COVID-19 has infected people in nearly every nation in the world. Italy, in particular, has been devastated, the virus overwhelming Italian hospitals where doctors were forced to triage patients. At the other end of the spectrum, South Korea has managed to keep the disease at bay without a total lockdown.
"South Korea did one of the best jobs of testing which made the difference," said Ryan Irvin, PhD, MS, who serves as an Associate Professor in the UAB Department of Epidemiology.
Even with a woman who turned out to be a super-spreader, South Korea was able to halt the upward trajectory of the virus just 15 days after the first case. In mid-January, immediately after the first case was confirmed, the South Korean health authority conferred with research institutions and pharmaceutical companies to develop a test, and in short order, mobile sites around the country were testing 20,000 people per day. Health authorities followed up with all the contacts of anyone who tested positive, while using data from surveillance cameras, cellphones and credit card transactions to map the social connections of suspected cases.
"The US got behind on testing," Irvin said. "The World Health Organization approved a coronavirus test in January, but instead of using it, the CDC developed their own test that didn't end up working properly, which cost us a month. As a result, we are now only testing a small percentage of our population so we can't get a clear picture of the epidemiology of the disease. And since, due to these limits, we are not testing mild cases, there may be many contagious people who don't know they are carriers, causing further spread of the virus.
"So, instead of having a handle on this, we have had to go old school, using blunt force tactics, shutting everything down. This is the way public health did it years ago with the Spanish flu and with polio. We enacted shutdowns in Alabama pretty quickly, closing the schools the day we had the first case in Jefferson County. It will take two to four weeks to see if this helps."
It is critically important that the shutdown works because one of the biggest challenges with COVID-19, as with any pandemic, is that cases grow exponentially, which can overwhelm hospitals, like what is currently happening in New York. If the numbers continue to rise in Alabama at the rate they have risen elsewhere, Alabama hospitals could have 6,382 ICU patients on May 1st, and we have a stockpile of only 1,344 ventilators.
"This is a long haul fight," Irvin said. "We are in the initial hump, and hopefully we get over this, but I think we've got a new virus that will be endemic in our population forever."

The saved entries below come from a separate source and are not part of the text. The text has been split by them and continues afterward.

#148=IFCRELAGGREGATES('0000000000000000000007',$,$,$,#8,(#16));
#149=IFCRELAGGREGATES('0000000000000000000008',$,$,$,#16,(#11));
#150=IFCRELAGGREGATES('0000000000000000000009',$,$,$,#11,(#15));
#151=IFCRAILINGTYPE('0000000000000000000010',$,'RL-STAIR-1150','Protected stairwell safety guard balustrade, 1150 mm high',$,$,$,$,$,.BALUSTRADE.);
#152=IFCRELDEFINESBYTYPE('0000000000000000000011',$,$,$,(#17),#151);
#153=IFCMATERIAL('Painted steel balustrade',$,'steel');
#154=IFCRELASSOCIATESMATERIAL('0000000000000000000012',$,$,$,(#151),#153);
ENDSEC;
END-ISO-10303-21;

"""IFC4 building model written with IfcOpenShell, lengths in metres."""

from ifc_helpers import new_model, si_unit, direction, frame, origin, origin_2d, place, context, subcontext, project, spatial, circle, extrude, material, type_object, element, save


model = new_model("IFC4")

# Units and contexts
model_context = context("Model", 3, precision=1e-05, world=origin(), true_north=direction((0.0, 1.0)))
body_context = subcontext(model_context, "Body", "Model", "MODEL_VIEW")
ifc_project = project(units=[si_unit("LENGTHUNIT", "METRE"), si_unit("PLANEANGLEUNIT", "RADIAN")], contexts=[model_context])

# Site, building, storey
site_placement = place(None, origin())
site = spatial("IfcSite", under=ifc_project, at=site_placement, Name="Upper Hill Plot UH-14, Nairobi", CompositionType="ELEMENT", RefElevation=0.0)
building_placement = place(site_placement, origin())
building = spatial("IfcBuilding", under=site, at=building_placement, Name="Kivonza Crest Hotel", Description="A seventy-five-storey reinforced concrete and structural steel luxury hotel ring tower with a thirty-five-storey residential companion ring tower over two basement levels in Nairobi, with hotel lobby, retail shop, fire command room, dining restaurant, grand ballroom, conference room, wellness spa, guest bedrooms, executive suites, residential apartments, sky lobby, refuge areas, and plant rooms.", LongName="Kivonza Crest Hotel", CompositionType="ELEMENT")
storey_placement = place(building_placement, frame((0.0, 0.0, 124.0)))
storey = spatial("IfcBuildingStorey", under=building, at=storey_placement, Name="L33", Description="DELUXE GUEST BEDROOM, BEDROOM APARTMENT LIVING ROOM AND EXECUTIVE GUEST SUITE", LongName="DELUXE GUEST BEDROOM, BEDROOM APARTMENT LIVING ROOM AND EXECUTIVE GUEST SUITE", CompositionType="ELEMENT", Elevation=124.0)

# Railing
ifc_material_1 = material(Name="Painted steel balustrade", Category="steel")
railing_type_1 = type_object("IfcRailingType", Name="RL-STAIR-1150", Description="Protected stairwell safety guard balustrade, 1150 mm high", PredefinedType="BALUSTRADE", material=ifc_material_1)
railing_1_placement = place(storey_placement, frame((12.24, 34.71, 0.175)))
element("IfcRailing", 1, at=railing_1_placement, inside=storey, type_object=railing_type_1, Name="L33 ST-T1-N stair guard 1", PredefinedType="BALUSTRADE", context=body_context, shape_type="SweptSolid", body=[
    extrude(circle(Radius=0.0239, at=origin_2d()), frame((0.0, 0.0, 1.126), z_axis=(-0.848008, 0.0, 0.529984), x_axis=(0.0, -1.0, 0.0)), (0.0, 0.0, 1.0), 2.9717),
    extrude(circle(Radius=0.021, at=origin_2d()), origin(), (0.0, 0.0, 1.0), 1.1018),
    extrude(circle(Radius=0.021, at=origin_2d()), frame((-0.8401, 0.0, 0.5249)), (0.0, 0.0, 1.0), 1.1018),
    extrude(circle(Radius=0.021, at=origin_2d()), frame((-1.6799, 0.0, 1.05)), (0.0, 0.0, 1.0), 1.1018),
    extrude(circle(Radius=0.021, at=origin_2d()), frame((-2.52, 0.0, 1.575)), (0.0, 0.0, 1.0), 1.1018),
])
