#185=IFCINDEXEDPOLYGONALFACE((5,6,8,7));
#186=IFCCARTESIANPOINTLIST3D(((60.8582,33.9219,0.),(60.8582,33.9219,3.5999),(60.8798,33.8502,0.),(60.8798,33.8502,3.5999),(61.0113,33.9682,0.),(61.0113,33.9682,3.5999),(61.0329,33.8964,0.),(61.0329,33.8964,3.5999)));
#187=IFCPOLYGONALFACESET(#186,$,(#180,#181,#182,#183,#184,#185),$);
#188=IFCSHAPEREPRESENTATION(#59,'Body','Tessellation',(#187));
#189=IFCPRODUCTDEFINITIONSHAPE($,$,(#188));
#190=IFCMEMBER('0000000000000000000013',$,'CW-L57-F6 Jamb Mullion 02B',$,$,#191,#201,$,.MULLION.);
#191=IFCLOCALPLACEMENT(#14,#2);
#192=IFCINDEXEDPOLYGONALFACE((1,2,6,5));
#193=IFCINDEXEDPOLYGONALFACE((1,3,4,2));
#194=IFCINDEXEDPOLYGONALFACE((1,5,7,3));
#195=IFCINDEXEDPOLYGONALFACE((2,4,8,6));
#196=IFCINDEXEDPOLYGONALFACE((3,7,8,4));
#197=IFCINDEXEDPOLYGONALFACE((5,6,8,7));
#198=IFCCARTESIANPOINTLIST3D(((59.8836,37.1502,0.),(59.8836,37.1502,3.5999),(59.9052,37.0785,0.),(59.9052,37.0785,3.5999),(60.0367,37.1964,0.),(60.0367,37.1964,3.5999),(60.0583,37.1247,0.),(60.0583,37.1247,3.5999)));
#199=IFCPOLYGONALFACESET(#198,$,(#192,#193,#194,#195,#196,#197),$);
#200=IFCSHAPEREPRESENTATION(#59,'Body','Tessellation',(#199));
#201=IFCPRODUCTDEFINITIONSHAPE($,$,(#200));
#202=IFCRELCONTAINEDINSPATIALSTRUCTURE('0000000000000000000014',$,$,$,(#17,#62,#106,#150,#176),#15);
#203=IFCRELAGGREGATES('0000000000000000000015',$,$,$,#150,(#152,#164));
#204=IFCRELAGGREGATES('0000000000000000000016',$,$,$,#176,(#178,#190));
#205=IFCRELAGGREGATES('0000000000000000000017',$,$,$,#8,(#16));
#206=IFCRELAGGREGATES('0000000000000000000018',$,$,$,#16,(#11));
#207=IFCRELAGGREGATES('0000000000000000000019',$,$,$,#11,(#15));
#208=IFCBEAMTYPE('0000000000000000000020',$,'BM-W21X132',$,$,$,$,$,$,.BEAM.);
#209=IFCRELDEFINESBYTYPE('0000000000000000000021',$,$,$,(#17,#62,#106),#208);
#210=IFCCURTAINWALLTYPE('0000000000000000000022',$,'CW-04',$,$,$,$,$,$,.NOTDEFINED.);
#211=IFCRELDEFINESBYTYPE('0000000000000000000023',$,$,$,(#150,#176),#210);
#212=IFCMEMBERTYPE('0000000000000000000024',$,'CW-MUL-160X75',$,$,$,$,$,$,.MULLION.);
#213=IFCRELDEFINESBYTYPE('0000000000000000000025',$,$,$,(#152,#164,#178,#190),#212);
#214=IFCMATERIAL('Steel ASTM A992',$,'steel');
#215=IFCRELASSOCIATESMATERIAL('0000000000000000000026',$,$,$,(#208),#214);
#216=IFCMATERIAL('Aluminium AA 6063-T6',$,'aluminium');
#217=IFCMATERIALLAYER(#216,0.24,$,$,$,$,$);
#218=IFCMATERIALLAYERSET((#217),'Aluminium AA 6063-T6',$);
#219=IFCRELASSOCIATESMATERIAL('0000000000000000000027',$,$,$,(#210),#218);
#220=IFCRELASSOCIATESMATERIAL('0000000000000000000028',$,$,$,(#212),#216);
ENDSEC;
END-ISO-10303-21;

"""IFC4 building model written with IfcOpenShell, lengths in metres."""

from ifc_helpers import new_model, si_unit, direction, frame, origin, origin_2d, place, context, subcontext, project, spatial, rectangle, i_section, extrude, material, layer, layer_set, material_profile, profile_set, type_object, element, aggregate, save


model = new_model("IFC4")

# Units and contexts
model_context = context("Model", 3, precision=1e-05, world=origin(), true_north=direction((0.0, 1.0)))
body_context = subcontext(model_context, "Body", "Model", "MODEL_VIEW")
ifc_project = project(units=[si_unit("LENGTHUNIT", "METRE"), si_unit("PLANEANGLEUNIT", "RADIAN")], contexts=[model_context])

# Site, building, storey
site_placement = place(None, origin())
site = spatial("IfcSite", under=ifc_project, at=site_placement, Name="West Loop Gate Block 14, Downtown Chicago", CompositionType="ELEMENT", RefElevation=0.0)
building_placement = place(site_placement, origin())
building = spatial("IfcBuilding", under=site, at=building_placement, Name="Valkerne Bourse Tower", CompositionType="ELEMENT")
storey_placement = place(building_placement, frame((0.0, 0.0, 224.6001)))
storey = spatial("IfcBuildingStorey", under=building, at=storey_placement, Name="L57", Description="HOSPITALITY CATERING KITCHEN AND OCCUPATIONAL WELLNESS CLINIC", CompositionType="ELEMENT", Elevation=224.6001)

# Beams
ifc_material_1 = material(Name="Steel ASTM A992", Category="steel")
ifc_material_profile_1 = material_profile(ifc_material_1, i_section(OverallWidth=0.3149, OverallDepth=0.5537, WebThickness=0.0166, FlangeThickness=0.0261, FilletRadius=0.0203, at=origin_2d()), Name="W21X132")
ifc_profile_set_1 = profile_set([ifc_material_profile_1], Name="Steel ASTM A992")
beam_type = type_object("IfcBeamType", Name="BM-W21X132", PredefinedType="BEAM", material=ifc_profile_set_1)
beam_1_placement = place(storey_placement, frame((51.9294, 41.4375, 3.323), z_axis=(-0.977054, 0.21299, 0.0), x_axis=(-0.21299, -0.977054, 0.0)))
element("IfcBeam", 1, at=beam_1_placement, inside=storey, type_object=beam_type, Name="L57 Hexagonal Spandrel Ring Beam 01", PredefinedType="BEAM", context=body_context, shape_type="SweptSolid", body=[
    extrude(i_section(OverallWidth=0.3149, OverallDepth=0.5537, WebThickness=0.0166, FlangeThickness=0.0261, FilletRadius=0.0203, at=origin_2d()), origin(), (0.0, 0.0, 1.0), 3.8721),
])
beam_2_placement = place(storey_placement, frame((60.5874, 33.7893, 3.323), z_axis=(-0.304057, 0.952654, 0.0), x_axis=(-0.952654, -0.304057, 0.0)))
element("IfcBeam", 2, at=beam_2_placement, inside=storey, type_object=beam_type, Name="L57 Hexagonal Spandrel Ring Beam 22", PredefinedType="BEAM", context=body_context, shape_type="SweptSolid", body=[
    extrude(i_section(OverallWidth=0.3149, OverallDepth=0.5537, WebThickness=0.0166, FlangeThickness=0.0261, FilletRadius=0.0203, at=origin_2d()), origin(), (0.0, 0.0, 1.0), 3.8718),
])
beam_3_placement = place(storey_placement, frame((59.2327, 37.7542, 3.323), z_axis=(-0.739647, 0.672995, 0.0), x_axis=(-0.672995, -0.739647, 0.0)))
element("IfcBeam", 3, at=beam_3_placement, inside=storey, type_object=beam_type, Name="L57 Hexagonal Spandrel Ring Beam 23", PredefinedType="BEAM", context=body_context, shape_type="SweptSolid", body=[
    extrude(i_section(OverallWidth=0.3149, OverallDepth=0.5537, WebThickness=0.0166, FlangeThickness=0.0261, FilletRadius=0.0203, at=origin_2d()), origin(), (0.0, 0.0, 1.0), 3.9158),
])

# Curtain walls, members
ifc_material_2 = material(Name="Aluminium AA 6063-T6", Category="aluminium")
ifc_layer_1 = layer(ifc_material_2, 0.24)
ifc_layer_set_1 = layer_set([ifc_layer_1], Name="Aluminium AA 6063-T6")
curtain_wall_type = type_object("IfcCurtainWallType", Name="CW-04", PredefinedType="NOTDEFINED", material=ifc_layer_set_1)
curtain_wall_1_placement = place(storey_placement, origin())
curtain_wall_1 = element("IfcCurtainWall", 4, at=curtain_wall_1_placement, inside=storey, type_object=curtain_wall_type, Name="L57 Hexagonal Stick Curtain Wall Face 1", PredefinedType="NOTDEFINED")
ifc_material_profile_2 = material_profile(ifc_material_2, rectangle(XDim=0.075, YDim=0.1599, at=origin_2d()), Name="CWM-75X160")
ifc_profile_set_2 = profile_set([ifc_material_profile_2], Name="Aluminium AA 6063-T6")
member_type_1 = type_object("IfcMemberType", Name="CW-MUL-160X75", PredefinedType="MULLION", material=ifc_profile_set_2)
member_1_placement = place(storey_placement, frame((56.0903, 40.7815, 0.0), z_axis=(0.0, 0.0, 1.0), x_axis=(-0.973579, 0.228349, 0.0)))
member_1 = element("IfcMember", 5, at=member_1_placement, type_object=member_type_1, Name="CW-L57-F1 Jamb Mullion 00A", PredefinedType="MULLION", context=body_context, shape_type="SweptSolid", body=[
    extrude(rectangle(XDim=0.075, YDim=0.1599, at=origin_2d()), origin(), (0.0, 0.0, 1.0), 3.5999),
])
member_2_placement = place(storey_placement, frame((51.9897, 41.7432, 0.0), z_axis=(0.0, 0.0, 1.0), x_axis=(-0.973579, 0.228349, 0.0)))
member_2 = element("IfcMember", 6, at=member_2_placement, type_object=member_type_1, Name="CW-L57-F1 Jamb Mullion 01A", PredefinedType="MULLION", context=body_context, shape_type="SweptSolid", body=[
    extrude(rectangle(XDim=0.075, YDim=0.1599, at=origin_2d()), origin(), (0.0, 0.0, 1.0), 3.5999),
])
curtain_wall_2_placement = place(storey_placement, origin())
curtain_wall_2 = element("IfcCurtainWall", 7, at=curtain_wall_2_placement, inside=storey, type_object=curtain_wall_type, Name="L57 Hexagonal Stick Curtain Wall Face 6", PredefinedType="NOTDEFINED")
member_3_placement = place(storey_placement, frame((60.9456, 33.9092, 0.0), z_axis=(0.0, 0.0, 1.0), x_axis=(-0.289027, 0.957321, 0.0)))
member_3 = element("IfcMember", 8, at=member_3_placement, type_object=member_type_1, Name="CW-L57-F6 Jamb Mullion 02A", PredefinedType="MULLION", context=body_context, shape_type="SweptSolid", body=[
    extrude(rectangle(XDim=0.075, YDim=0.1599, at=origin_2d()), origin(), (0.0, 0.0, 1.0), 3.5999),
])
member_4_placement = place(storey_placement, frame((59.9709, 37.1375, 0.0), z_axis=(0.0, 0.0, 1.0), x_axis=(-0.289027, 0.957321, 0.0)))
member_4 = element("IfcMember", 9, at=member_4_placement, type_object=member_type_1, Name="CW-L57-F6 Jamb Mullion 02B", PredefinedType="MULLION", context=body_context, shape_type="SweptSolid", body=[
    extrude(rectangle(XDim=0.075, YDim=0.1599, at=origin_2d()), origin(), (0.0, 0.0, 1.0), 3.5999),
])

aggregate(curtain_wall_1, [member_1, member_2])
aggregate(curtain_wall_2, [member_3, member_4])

This means that, from a longer-term perspective, research into the virus can be effective in mitigating the damage. Currently a number of departments at UAB, including Public Health, Infectious Disease, Nursing and the Medical School, are working on plans to create a research infrastructure around the virus.
"We haven't started any specific projects," Irvin said. "We're thinking about what will be needed; for example, creating a patient registry; getting a list of patients who agree to participate in research and who give us samples, allowing us to bank some samples, among other things. UAB is communicating with the Alabama Department of Public Health and the Jefferson County Health Department about getting this infrastructure set up, and we're trying to work with other universities so we can all harmonize data and work together. It's very preliminary. We have to get the University Review Board approval for human research.
"There are also some studies going on with the potential effectiveness of several drugs, remdesivir and hydroxychloroquine. Researchers at Mount Sinai and a group from North Carolina are developing an antibody test so that we can see who has had the virus. This will help us locate people who are now immune and can probably go back to work. And if some of these people show a really strong profile, we may be able to use their blood to treat patients."
Irvin is also interested in genetic studies of COVID-19. "There is a co-morbity profile that makes you get sicker, but there also seems to be some variability in people who are asymptomatic or who have mild cases even when we hold the other variables, like age, constant," she said. "The virus enters the cells through the ACE2 receptor. That is a genetic target for us to study to see if a variation in that receptor affects how sick someone gets. If we find people whose genotype increases their probability of serious complications, we could advise that person to be more cautious. And over the long run, these studies might lead to some type of gene therapy for the disease.
"If there is any silver lining in this horrific pandemic, it's that it will wake up our public health system. We stockpile weapons, but we don't stockpile medicine, PPE, and medical equipment. In the future, we'll need to start thinking along those lines."